The FDA is interested in the total disease burden and total pharmacoeconomic costs of therapies . Put simply time to first event analysis is not able to quantity healthcare costs per patient properly . A joint frailty model focussing on actual MACE events is a much more relevant and modern method of determining results . Using an enriched patient group allows the number of events required to power a trial without having to increase enrolled numbers to thousands of patients at significant time and cost. So Mesoblast did not have to “justify its approach“ by issuing a paper.. it has been widely praised for adapting a trial to more relevant endpoints after discussion with the FDA. In fact I hear that it is being looked at as a template for many clinical trials going forward. For what it is worth , I believe the phase 3 trial will meet the original endpoints but it is just the statistical powering ( in terms of number of events) which may have made it more difficult to achieve the required p values with a smaller number of outcomes... but you know this.
I also think your assessment about the relative effectiveness of MSC treatment in grade 3 heart patients vs grade 2 is incorrect. It is my understanding that the polarisation of M1 to M2 macrophages shows the best results in the sicker patients... reflected by the SR GVHD results in Grade 3&4 patient groupings. Lastly you should be aware that the LVAD trial was independent of Mesoblast. The primary endpoint was not chosen by the Company and the large number of Bridge to Transplant patients and thrombotic devices skewed the results badly. Interestingly I have heard that there were a number of patients successfully weaned of devices after the trial had finished . Furthermore in the non ischemic sub group there were a number of “genetic” heart related complications in the younger patients which were always likely to make our treatments less effective. The devil is always in the detail as they say.

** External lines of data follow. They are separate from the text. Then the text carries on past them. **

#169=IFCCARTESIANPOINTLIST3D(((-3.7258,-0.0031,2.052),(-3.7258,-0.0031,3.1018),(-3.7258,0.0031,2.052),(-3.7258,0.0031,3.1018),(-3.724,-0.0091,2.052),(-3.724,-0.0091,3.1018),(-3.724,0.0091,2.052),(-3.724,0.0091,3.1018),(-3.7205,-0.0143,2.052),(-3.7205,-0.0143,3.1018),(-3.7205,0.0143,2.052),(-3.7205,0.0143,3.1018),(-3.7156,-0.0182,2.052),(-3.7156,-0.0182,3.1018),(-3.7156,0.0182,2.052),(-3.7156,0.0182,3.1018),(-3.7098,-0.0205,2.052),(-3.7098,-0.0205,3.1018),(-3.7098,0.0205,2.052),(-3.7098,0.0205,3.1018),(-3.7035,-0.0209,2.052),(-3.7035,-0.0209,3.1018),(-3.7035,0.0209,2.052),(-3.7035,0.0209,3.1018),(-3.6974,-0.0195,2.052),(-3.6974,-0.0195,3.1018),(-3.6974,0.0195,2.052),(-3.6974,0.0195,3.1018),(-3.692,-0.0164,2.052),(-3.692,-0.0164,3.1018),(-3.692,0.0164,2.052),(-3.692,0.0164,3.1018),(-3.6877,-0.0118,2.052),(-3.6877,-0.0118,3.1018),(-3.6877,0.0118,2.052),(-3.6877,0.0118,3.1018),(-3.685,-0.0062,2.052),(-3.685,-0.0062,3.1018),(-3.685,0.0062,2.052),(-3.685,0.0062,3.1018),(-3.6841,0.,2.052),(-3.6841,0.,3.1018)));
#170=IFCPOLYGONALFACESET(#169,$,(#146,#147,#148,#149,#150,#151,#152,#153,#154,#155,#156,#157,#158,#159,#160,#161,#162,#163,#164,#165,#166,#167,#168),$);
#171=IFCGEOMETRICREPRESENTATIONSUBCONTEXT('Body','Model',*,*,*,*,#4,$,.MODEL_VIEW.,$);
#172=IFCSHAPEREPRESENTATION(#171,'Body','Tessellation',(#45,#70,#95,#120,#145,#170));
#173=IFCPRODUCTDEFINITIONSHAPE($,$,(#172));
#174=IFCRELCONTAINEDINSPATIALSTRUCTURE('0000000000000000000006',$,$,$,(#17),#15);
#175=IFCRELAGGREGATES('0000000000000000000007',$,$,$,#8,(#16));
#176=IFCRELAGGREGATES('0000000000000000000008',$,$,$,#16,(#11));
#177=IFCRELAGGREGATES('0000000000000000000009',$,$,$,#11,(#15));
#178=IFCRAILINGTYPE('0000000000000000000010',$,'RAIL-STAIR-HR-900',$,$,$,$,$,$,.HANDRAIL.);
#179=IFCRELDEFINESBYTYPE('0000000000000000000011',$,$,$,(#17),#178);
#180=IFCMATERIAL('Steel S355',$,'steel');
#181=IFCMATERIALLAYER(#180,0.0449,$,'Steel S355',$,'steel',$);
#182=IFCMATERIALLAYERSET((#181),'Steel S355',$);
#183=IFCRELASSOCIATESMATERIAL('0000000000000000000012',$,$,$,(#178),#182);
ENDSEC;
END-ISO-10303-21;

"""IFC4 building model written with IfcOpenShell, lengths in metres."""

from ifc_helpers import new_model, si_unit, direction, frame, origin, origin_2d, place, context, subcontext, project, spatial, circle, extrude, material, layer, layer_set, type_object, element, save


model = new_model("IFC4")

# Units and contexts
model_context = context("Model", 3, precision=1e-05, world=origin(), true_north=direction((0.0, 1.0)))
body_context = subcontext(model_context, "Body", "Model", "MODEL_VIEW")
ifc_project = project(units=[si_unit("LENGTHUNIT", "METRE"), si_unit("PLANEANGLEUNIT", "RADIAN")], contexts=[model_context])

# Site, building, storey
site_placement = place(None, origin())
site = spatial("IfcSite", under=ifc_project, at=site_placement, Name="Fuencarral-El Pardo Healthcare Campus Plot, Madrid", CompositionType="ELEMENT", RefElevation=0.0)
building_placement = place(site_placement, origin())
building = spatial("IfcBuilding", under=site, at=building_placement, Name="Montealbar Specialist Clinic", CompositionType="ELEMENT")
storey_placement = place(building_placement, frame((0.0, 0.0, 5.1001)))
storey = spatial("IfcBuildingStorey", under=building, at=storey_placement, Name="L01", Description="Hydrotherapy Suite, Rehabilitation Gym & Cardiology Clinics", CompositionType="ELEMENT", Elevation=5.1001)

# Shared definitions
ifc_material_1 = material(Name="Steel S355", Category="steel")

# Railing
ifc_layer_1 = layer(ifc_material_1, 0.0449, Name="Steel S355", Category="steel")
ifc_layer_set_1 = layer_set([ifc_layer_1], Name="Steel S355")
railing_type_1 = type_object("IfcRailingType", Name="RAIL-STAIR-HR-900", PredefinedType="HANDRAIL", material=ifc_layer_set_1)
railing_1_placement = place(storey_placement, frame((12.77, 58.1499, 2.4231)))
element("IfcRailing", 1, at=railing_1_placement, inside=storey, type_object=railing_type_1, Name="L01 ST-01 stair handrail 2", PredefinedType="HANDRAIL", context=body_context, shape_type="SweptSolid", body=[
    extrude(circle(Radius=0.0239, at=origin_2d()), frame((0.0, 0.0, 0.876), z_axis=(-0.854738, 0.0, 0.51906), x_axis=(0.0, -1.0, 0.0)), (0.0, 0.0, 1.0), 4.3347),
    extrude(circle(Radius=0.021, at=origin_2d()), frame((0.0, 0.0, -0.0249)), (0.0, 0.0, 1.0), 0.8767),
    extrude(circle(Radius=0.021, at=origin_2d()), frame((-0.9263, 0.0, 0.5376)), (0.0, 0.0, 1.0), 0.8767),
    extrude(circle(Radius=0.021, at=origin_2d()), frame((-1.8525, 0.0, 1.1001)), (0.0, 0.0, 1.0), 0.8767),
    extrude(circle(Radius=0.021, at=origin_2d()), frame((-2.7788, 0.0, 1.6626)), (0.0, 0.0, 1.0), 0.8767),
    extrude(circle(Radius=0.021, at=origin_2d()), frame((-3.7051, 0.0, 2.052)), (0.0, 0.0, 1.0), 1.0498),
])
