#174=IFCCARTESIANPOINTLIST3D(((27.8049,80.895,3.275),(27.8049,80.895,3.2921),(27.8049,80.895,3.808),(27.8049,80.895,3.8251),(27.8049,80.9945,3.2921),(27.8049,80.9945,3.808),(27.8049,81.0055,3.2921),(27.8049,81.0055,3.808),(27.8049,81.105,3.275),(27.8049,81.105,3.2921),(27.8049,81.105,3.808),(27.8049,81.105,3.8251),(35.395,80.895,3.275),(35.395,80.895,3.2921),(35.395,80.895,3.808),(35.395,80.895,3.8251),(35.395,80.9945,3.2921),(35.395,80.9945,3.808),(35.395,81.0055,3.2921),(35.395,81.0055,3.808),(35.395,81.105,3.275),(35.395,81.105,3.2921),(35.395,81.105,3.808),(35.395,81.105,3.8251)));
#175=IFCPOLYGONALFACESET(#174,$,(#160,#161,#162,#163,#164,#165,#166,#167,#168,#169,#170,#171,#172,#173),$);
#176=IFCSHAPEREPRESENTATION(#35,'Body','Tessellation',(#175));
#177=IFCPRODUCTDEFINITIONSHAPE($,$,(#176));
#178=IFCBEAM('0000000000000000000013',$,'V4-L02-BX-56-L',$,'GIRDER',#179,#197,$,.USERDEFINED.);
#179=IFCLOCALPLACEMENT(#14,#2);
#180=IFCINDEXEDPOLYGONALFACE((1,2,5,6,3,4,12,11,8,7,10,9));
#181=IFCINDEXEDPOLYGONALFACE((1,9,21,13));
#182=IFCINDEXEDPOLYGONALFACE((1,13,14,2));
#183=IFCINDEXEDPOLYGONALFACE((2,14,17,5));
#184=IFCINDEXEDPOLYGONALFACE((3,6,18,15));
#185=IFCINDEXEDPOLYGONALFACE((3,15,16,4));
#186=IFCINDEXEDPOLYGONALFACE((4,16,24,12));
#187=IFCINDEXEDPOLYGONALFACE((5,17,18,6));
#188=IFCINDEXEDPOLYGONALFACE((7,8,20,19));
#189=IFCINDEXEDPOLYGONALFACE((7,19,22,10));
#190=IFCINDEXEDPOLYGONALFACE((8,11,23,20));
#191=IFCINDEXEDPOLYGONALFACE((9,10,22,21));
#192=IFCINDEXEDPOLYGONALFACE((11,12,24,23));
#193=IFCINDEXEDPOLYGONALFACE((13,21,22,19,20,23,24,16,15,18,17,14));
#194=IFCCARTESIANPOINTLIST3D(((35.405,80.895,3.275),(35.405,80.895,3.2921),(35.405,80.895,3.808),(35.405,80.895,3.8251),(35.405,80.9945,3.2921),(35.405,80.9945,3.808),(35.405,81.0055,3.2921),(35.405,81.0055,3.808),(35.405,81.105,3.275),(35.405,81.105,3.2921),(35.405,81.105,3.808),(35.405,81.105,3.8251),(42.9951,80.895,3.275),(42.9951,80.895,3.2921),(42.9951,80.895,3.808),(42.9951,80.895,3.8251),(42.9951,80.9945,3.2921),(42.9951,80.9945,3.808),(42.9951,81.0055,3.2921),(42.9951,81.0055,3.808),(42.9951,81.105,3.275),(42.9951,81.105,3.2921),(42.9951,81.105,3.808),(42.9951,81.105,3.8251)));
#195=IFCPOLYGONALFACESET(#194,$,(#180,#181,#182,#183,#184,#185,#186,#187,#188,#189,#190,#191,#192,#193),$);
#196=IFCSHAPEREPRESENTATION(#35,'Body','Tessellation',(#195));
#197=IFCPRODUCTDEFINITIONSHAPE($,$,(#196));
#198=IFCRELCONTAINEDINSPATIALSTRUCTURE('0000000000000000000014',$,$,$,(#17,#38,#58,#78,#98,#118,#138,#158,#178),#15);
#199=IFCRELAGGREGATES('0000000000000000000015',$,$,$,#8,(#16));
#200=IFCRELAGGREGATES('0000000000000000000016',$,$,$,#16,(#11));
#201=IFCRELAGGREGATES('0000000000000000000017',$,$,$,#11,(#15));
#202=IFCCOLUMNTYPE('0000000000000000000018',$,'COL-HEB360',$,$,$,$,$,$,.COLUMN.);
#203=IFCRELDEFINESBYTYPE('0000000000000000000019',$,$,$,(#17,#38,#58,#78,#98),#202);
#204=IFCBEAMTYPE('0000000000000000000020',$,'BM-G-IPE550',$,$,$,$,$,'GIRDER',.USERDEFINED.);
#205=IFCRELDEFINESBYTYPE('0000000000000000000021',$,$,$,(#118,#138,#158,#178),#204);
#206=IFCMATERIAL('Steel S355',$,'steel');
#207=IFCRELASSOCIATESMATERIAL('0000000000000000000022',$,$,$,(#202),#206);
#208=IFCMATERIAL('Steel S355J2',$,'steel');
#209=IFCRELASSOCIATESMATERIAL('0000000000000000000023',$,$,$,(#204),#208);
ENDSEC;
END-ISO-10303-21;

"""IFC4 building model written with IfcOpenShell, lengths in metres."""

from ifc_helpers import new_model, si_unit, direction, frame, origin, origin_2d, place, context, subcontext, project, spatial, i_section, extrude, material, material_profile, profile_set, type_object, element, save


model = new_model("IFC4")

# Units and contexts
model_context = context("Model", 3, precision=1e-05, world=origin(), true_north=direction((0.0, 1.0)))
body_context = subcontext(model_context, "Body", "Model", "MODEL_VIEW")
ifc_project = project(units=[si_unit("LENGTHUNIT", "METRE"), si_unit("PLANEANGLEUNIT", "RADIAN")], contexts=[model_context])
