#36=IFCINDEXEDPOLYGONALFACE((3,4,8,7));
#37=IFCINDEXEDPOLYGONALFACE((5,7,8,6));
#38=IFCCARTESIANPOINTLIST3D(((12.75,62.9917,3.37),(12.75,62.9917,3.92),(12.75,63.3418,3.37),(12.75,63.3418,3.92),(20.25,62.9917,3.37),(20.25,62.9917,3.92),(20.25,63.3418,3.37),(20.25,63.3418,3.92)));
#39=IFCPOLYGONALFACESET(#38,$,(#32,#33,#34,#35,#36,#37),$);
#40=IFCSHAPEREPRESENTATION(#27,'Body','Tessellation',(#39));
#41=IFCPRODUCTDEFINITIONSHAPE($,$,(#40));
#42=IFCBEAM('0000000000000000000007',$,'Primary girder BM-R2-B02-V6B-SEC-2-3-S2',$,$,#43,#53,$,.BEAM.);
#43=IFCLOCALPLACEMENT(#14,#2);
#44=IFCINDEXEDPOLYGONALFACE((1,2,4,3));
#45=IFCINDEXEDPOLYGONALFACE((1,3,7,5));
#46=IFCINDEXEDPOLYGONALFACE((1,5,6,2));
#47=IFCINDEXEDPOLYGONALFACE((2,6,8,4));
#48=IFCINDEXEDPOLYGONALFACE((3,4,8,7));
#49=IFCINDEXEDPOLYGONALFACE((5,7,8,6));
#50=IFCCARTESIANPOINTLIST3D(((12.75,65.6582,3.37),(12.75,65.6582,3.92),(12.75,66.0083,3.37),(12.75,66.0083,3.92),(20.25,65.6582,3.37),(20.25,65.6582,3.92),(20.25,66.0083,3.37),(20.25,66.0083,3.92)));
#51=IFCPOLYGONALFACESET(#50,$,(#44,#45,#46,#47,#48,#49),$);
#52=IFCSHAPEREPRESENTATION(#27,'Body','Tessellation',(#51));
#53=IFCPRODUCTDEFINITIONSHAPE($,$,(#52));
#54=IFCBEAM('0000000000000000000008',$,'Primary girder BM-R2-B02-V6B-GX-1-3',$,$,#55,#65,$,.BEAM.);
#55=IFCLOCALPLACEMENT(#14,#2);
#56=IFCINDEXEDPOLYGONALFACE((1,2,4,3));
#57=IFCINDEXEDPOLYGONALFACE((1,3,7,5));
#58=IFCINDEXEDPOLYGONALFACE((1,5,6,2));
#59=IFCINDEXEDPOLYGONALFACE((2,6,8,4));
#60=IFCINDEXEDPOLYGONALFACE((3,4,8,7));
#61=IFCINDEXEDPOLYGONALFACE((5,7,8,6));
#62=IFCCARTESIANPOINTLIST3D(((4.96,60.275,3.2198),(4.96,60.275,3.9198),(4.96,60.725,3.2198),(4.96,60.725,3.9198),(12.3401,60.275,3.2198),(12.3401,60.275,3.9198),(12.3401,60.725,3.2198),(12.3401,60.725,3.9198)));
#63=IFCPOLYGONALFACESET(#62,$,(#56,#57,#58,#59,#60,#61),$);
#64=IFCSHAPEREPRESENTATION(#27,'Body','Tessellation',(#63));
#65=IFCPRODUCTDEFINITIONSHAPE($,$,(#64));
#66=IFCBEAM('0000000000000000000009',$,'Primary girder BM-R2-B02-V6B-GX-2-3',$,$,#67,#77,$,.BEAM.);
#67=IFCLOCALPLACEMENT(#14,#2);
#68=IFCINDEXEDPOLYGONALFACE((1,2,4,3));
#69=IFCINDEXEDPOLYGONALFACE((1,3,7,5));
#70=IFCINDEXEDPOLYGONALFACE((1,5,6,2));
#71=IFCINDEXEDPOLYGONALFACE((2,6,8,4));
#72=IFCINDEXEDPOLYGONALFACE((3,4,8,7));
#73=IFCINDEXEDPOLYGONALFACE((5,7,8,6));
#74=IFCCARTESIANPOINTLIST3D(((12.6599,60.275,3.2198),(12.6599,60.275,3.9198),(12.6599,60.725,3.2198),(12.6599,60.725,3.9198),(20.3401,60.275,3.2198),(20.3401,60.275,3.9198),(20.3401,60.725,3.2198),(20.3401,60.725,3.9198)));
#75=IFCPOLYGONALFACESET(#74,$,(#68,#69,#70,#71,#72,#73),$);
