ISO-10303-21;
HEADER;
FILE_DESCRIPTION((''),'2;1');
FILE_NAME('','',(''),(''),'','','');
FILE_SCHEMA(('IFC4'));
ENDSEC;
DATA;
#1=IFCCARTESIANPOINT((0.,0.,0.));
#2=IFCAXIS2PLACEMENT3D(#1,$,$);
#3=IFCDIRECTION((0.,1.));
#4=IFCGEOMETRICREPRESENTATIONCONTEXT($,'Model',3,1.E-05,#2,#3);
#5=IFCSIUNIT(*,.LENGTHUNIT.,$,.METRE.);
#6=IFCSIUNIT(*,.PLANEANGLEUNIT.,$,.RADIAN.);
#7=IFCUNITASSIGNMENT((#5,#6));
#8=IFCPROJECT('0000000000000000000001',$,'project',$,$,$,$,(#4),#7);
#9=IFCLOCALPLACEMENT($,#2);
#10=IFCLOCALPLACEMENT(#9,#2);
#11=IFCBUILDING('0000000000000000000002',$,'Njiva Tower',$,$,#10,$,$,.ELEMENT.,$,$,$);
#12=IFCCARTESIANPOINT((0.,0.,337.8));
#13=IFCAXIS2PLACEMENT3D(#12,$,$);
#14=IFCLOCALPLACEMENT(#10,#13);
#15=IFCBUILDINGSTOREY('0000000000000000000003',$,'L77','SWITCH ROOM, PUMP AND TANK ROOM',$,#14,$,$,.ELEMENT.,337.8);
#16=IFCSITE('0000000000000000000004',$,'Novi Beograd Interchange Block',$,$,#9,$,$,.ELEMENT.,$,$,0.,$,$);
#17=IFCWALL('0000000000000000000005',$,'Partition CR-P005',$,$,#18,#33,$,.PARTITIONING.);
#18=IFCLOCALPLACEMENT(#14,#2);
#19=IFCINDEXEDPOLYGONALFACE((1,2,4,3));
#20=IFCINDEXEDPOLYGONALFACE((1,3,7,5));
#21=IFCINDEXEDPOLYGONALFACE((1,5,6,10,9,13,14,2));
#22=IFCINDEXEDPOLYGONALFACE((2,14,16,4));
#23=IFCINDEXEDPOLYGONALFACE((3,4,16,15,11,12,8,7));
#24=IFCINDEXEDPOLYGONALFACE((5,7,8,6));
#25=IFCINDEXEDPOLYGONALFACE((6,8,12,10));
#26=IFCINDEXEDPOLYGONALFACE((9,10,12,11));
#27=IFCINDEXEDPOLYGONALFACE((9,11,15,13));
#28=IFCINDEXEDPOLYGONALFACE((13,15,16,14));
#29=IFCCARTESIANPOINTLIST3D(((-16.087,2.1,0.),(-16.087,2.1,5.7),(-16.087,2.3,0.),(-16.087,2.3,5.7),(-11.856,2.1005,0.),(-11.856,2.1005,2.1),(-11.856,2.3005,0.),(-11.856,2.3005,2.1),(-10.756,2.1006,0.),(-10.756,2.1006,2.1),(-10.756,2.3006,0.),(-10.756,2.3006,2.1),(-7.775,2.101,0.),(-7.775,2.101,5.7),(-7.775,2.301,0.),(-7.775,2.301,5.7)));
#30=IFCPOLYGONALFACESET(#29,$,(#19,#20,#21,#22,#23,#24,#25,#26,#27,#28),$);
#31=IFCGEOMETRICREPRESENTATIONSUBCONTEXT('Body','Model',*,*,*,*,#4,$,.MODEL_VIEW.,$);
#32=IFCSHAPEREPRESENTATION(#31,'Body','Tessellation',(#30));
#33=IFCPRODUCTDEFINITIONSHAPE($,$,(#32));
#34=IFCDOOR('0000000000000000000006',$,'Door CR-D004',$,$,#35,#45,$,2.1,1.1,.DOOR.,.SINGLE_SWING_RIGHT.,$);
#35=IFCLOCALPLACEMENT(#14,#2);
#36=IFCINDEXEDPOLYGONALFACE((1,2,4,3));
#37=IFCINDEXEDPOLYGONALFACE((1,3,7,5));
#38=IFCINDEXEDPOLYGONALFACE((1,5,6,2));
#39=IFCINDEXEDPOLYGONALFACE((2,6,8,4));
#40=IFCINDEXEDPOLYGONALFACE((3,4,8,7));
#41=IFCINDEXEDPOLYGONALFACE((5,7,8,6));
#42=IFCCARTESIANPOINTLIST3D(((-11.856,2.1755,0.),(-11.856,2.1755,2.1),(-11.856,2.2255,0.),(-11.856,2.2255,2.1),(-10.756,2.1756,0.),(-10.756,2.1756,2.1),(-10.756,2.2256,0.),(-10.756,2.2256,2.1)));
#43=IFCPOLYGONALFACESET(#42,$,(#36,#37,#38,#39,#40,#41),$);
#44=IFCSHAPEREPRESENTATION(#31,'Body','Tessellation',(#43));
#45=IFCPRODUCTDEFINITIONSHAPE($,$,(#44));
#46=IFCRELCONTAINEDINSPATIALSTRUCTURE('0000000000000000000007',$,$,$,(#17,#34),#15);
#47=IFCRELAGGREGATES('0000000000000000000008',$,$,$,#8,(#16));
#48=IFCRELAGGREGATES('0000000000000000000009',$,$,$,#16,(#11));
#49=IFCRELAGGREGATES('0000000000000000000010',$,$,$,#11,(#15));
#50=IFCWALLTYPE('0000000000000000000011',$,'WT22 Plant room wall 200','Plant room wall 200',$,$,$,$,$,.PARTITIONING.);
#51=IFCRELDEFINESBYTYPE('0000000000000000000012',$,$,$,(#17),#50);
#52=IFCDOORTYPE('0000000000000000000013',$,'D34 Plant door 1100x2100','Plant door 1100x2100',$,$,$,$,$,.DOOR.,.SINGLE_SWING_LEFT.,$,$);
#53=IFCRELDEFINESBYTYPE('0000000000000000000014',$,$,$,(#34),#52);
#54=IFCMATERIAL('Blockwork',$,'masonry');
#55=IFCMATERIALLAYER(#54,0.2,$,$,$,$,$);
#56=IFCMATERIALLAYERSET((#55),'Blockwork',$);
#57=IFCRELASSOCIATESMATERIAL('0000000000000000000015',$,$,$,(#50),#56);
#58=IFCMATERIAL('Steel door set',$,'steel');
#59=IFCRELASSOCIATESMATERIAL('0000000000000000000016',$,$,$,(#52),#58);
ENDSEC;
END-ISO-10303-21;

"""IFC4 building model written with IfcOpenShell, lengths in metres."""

from ifc_helpers import new_model, si_unit, direction, frame, frame_2d, origin, place, context, subcontext, project, spatial, rectangle, extrude, material, layer, layer_set, type_object, element, fill, save


model = new_model("IFC4")

# Units and contexts
model_context = context("Model", 3, precision=1e-05, world=origin(), true_north=direction((0.0, 1.0)))
body_context = subcontext(model_context, "Body", "Model", "MODEL_VIEW")
ifc_project = project(units=[si_unit("LENGTHUNIT", "METRE"), si_unit("PLANEANGLEUNIT", "RADIAN")], contexts=[model_context])

# Site, building, storey
site_placement = place(None, origin())
site = spatial("IfcSite", under=ifc_project, at=site_placement, Name="Novi Beograd Interchange Block", CompositionType="ELEMENT", RefElevation=0.0)
building_placement = place(site_placement, origin())
building = spatial("IfcBuilding", under=site, at=building_placement, Name="Njiva Tower", CompositionType="ELEMENT")
storey_placement = place(building_placement, frame((0.0, 0.0, 337.8)))
storey = spatial("IfcBuildingStorey", under=building, at=storey_placement, Name="L77", Description="SWITCH ROOM, PUMP AND TANK ROOM", CompositionType="ELEMENT", Elevation=337.8)

# Shared definitions
ifc_material_1 = material(Name="Blockwork", Category="masonry")
ifc_layer_1 = layer(ifc_material_1, 0.2)
ifc_layer_set_1 = layer_set([ifc_layer_1], Name="Blockwork")
wall_type_1 = type_object("IfcWallType", Name="WT22 Plant room wall 200", Description="Plant room wall 200", PredefinedType="PARTITIONING", material=ifc_layer_set_1)
ifc_material_2 = material(Name="Steel door set", Category="steel")
door_type_1 = type_object("IfcDoorType", Name="D34 Plant door 1100x2100", Description="Plant door 1100x2100", OperationType="SINGLE_SWING_LEFT", PredefinedType="DOOR", material=ifc_material_2)

# Wall, opening, door
wall_1_placement = place(storey_placement, frame((-16.087, 2.2, 0.0), z_axis=(0.0, 0.0, 1.0), x_axis=(1.0, 0.00012, 0.0)))
wall_1 = element("IfcWall", 1, at=wall_1_placement, inside=storey, type_object=wall_type_1, Name="Partition CR-P005", PredefinedType="PARTITIONING", context=body_context, shape_type="SweptSolid", body=[
    extrude(rectangle(XDim=8.312, YDim=0.2, at=frame_2d((4.156, 0.0))), origin(), (0.0, 0.0, 1.0), 5.7),
])
opening_1_placement = place(wall_1_placement, frame((4.231, 0.0, 0.0)))
opening_1 = element("IfcOpeningElement", 2, at=opening_1_placement, cuts=wall_1, PredefinedType="OPENING", context=body_context, shape_type="SweptSolid", body=[
    extrude(rectangle(XDim=1.1, YDim=2.1, at=frame_2d((0.55, 1.05))), frame((0.0, 0.11, 0.0), z_axis=(0.0, -1.0, 0.0), x_axis=(1.0, 0.0, 0.0)), (0.0, 0.0, 1.0), 0.22),
])
door_1_placement = place(opening_1_placement, origin())
door_1 = element("IfcDoor", 3, at=door_1_placement, inside=storey, type_object=door_type_1, Name="Door CR-D004", OperationType="SINGLE_SWING_RIGHT", OverallHeight=2.1, OverallWidth=1.1, PredefinedType="DOOR", context=body_context, shape_type="SweptSolid", body=[
    extrude(rectangle(XDim=1.1, YDim=2.1, at=frame_2d((0.55, 1.05))), frame((0.0, 0.025, 0.0), z_axis=(0.0, -1.0, 0.0), x_axis=(1.0, 0.0, 0.0)), (0.0, 0.0, 1.0), 0.05),
])
fill(opening_1, door_1)

save(model, "model.ifc")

When someone as knowledgeable as you is posting , people might consider what you say to always be accurate... so please talk to the management before jumping to conclusions. If you still disagree having heard their explanations I will be interested to hear why . Please keep up the posts because you can help all of us with your expertise. I will take a break from posting for a few days whilst I am travelling. Happy New Year everyone.